Note the way "Israel" is used in Romans 9-11.

9:6, "Not as though the word of God hath taken none effect. For they are not all Israel, which are of Israel:"

9:27, "Esaias also crieth concerning Israel, Though the number of the children of Israel be as the sand of the sea, a remnant shall be saved:"

9:31, "But Israel, which followed after the law of righteousness, hath not attained to the law of righteousness."

10:1, "Brethren, my heart’s desire and prayer to God for Israel is, that they might be saved."

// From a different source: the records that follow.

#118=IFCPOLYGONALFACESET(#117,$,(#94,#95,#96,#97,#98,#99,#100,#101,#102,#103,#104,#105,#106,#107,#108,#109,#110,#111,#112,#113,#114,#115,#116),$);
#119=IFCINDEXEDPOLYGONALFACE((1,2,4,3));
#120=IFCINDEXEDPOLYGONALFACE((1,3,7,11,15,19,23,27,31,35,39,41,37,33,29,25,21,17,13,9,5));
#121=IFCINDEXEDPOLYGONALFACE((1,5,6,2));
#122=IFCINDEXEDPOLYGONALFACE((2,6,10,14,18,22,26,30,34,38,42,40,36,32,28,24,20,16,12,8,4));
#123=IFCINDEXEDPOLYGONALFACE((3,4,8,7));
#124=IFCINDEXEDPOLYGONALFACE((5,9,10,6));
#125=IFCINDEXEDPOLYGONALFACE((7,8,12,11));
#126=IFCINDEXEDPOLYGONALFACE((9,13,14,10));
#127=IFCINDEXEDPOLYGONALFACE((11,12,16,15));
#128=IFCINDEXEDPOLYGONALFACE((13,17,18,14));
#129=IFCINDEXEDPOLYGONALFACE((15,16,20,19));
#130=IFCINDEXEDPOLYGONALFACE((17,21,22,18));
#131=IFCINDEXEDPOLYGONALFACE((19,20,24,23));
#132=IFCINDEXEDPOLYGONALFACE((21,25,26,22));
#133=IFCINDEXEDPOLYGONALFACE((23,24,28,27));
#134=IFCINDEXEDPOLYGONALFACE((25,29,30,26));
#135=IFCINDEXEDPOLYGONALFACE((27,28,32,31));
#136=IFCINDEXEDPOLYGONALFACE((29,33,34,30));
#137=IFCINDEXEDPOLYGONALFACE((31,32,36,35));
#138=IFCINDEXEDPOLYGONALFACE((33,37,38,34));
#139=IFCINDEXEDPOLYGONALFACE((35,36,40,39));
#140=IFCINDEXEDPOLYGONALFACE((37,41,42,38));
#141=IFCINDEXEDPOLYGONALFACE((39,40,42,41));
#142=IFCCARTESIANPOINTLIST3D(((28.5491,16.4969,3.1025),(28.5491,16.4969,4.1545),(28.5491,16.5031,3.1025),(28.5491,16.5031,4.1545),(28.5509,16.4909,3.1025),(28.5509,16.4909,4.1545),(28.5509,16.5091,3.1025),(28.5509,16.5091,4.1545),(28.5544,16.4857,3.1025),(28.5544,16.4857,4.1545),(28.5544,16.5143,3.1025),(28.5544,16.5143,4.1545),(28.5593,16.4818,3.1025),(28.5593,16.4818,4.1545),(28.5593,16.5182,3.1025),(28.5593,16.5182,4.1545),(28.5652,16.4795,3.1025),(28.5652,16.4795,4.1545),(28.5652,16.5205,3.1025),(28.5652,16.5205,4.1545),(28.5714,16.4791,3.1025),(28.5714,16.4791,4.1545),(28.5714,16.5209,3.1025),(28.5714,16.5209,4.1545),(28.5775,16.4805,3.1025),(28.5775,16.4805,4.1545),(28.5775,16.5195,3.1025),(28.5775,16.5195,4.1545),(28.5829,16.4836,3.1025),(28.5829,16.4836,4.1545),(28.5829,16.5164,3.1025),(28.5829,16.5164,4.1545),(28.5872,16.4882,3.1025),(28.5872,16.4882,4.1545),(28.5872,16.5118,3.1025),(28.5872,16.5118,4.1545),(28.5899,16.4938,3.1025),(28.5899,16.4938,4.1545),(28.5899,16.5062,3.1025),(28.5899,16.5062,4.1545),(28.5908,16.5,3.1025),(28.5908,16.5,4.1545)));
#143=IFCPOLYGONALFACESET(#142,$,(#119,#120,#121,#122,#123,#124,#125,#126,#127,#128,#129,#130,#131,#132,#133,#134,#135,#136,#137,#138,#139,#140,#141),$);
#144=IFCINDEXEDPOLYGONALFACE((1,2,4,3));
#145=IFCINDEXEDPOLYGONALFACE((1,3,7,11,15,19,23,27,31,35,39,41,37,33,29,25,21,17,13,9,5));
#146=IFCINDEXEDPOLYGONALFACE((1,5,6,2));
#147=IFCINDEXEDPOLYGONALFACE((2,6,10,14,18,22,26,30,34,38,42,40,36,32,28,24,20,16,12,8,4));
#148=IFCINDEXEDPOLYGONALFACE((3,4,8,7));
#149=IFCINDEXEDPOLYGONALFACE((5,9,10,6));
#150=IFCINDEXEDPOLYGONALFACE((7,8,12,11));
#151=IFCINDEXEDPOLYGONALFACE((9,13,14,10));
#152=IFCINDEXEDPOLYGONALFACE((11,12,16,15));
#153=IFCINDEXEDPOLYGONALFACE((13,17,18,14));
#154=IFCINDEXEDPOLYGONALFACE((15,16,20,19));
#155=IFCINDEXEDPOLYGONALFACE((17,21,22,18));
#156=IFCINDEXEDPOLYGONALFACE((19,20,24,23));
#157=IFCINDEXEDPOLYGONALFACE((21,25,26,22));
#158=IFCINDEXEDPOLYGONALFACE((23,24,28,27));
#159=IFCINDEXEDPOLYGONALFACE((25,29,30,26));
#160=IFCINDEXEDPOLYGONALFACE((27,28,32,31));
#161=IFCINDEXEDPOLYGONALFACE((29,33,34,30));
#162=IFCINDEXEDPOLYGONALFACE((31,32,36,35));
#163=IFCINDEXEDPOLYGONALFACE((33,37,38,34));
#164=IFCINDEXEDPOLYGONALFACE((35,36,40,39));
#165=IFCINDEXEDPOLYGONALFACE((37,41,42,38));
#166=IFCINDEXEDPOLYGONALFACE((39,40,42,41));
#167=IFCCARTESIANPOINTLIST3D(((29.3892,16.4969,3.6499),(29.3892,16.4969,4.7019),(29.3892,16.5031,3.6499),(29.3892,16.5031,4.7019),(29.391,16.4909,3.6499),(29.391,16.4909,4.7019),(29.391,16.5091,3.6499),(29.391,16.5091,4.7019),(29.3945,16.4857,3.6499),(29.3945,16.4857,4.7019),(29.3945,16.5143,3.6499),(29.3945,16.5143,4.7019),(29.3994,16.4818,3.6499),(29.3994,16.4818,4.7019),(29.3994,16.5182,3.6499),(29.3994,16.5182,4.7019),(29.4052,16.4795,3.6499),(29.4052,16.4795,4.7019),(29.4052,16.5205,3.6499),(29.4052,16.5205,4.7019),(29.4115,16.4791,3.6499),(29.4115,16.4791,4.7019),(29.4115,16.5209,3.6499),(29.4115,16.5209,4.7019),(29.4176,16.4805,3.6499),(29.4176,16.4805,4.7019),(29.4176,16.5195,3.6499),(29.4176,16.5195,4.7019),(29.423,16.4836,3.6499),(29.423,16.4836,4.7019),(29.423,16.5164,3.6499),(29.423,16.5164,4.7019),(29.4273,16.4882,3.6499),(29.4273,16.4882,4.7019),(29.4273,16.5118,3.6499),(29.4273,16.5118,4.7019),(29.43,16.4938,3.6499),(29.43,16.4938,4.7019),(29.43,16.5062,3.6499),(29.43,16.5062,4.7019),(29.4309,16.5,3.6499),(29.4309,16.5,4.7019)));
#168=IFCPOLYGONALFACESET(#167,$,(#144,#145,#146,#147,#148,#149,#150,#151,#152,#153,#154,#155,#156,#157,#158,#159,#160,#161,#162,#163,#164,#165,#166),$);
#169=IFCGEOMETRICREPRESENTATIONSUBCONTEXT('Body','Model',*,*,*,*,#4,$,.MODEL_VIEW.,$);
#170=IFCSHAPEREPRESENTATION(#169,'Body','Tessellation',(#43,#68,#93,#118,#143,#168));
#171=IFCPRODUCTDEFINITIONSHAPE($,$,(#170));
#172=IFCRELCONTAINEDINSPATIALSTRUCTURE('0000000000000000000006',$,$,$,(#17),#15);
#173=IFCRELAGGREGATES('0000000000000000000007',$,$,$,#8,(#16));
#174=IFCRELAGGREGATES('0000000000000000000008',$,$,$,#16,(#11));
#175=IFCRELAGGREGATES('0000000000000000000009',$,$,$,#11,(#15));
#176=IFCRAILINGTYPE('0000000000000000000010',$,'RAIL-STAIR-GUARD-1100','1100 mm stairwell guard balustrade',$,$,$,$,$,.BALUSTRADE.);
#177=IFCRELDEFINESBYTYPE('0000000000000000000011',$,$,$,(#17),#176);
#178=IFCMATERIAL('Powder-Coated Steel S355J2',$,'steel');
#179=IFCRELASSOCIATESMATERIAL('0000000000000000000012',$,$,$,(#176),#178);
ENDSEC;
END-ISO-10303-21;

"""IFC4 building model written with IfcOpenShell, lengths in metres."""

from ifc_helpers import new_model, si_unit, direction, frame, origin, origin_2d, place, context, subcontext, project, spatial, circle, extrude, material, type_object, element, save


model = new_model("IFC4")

10:19, "But I say, Did not Israel know? First Moses saith, I will provoke you to jealousy by them that are no people, and by a foolish nation I will anger you."

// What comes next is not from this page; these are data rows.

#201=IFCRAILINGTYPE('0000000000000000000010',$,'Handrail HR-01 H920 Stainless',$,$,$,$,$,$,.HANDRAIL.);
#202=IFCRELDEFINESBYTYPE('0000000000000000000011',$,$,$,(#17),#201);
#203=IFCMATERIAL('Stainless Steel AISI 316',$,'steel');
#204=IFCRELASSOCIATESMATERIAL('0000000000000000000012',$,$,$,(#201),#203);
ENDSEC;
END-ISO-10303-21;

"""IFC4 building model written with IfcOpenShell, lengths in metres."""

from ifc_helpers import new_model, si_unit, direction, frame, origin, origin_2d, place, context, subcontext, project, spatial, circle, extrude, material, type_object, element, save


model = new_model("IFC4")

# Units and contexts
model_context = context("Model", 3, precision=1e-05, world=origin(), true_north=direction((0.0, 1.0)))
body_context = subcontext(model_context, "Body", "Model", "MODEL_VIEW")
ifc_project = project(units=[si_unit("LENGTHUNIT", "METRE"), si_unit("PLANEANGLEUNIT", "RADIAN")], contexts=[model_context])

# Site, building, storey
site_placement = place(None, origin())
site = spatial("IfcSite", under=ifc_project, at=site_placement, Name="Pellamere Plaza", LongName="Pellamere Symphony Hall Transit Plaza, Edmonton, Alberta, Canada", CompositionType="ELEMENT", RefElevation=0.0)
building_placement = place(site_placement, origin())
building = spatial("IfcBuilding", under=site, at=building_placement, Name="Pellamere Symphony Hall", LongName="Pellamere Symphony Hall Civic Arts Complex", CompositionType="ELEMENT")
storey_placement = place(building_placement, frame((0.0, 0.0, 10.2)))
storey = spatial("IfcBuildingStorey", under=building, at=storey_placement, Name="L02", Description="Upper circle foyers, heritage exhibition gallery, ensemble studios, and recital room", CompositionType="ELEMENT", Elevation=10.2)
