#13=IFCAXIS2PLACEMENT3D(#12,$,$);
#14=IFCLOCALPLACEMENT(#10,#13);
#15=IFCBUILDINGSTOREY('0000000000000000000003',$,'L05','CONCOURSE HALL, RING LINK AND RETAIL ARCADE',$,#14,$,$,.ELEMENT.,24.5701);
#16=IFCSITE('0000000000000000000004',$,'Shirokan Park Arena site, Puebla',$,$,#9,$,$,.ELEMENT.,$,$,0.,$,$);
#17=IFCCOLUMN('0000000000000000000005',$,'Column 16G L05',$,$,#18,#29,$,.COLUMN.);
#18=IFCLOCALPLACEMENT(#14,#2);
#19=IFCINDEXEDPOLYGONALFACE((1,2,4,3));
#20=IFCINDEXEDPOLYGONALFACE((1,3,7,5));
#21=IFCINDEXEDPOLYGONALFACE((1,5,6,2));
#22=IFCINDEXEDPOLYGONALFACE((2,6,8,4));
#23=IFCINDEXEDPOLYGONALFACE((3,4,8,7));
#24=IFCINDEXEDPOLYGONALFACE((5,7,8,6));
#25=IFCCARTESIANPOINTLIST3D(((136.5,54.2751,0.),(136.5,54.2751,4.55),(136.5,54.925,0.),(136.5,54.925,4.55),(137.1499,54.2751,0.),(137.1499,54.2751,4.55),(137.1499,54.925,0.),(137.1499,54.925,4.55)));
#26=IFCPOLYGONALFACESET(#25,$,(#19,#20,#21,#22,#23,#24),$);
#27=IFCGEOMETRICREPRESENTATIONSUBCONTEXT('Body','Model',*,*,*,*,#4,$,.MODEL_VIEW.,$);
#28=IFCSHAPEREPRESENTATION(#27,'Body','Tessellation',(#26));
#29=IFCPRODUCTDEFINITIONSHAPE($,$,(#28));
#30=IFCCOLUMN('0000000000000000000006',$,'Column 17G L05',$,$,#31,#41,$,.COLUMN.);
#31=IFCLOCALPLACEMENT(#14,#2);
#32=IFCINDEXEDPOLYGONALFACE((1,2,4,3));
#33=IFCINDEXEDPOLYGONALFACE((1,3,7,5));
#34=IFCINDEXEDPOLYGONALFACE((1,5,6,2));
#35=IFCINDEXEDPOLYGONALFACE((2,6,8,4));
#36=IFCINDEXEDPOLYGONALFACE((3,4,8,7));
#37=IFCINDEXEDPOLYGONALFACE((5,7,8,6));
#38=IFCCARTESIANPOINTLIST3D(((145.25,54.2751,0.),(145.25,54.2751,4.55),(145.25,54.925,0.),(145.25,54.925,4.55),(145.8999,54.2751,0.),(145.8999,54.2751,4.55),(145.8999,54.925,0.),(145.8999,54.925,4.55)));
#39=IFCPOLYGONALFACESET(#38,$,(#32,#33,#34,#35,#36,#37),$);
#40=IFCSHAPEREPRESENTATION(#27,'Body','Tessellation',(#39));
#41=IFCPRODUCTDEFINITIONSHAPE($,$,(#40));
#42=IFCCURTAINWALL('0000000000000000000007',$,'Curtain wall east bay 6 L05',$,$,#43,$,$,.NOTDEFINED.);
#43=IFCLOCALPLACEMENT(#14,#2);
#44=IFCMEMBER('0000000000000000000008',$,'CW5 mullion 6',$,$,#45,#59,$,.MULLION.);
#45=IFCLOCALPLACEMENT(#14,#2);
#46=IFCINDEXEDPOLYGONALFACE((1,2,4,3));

10:21, "But to Israel he saith, All day long I have stretched forth my hands unto a disobedient and gainsaying people."

11:2, "God hath not cast away his people which he foreknew. Wot ye not what the scripture saith of Elias? how he maketh intercession to God against Israel, saying,"

11:7, "What then? Israel hath not obtained that which he seeketh for; but the election hath obtained it, and the rest were blinded"

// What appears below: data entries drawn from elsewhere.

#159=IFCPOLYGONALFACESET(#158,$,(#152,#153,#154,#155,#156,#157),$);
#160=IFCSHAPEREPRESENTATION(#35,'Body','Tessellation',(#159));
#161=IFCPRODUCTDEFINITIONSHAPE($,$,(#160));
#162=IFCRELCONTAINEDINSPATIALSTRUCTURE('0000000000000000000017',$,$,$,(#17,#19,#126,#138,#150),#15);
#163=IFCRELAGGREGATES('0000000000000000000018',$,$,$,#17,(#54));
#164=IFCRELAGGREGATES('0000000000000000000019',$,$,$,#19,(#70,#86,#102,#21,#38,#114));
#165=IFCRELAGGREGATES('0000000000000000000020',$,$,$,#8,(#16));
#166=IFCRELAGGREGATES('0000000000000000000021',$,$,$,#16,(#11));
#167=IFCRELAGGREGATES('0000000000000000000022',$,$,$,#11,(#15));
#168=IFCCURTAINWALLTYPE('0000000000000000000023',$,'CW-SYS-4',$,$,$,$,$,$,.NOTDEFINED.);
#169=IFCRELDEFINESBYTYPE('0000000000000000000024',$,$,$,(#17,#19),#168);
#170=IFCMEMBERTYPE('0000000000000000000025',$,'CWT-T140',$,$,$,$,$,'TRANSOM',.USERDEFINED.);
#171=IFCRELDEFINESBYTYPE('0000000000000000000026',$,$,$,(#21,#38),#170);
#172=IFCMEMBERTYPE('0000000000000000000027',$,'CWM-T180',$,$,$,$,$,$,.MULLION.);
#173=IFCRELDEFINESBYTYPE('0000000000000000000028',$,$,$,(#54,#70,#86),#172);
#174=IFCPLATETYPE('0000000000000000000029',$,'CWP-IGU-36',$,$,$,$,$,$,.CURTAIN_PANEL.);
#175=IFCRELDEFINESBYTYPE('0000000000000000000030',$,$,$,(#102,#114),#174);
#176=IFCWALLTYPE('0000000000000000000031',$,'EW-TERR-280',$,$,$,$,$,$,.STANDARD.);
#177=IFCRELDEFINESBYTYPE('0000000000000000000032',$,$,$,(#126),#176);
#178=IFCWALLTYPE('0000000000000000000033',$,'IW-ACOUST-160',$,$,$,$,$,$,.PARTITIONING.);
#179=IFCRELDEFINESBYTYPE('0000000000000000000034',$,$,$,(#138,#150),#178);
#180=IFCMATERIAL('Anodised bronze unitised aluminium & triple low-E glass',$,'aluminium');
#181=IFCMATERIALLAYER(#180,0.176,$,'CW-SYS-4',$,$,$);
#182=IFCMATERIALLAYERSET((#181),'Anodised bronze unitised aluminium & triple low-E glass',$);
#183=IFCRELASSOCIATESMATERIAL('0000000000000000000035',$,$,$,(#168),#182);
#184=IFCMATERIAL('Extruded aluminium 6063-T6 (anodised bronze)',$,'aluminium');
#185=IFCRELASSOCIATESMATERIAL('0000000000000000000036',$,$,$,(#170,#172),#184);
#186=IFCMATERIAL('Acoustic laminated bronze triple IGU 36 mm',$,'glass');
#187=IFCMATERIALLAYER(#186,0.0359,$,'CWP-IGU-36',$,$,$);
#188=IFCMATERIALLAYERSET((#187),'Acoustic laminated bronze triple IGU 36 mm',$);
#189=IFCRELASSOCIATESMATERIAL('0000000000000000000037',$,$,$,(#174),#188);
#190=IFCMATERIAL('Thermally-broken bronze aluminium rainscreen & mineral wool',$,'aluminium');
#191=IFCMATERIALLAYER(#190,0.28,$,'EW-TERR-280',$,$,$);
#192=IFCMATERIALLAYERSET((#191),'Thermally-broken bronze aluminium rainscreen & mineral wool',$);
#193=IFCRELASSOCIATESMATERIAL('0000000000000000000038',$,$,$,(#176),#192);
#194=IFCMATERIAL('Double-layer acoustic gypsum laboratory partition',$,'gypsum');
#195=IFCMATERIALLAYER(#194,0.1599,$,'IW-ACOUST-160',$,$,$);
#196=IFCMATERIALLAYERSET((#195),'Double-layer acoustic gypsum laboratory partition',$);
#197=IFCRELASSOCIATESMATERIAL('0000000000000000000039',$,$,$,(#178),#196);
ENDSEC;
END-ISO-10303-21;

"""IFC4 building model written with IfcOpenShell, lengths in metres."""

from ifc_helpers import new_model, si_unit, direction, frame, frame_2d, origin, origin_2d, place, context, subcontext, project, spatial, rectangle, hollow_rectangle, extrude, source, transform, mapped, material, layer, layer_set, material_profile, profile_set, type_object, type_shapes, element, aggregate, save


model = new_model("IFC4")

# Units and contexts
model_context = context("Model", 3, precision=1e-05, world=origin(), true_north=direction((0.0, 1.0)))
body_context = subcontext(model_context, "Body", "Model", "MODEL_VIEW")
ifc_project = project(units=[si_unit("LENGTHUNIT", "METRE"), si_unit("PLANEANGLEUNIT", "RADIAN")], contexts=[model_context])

11:25, "For I would not, brethren, that ye should be ignorant of this mystery, lest ye should be wise in your own conceits; that blindness in part is happened to Israel, until the fulness of the Gentiles be come in.
11:26, "And so all Israel shall be saved: as it is written, There shall come out of Sion the Deliverer, and shall turn away ungodliness from Jacob:"

The name is uniformly used of the covenanted nation of Israel in contrast to the Gentiles throughout the passage. It would be very odd if it changed its meaning to include the Gentiles in the resolution of v. 26, especially given the fact that v. 25 continues to distinguish Israel and the Gentiles and v. 26 quotes an Old Testament text which is immediately connected with the covenanted nation.


----------



## One Little Nail

Stephen L Smith said:


> Tirian said:
> 
> 
> 
> and write ANY nation off.....
> 
> 
> 
> 
> Except Australia - a convict nation
Click to expand...


but were The Great Southland of The Holy Spirit, its all written down there in The Book,right , isn't it?


----------



## Andrew P.C.

armourbearer said:


> Note the way "Israel" is used in Romans 9-11.
> 
> 9:6, "Not as though the word of God hath taken none effect. For they are not all Israel, which are of Israel:"
> 
> 9:27, "Esaias also crieth concerning Israel, Though the number of the children of Israel be as the sand of the sea, a remnant shall be saved:"
> 
> 
> The name is uniformly used of the covenanted nation of Israel in contrast to the Gentiles throughout the passage. It would be very odd if it changed its meaning to include the Gentiles in the resolution of v. 26, especially given the fact that v. 25 continues to distinguish Israel and the Gentiles and v. 26 quotes an Old Testament text which is immediately connected with the covenanted nation.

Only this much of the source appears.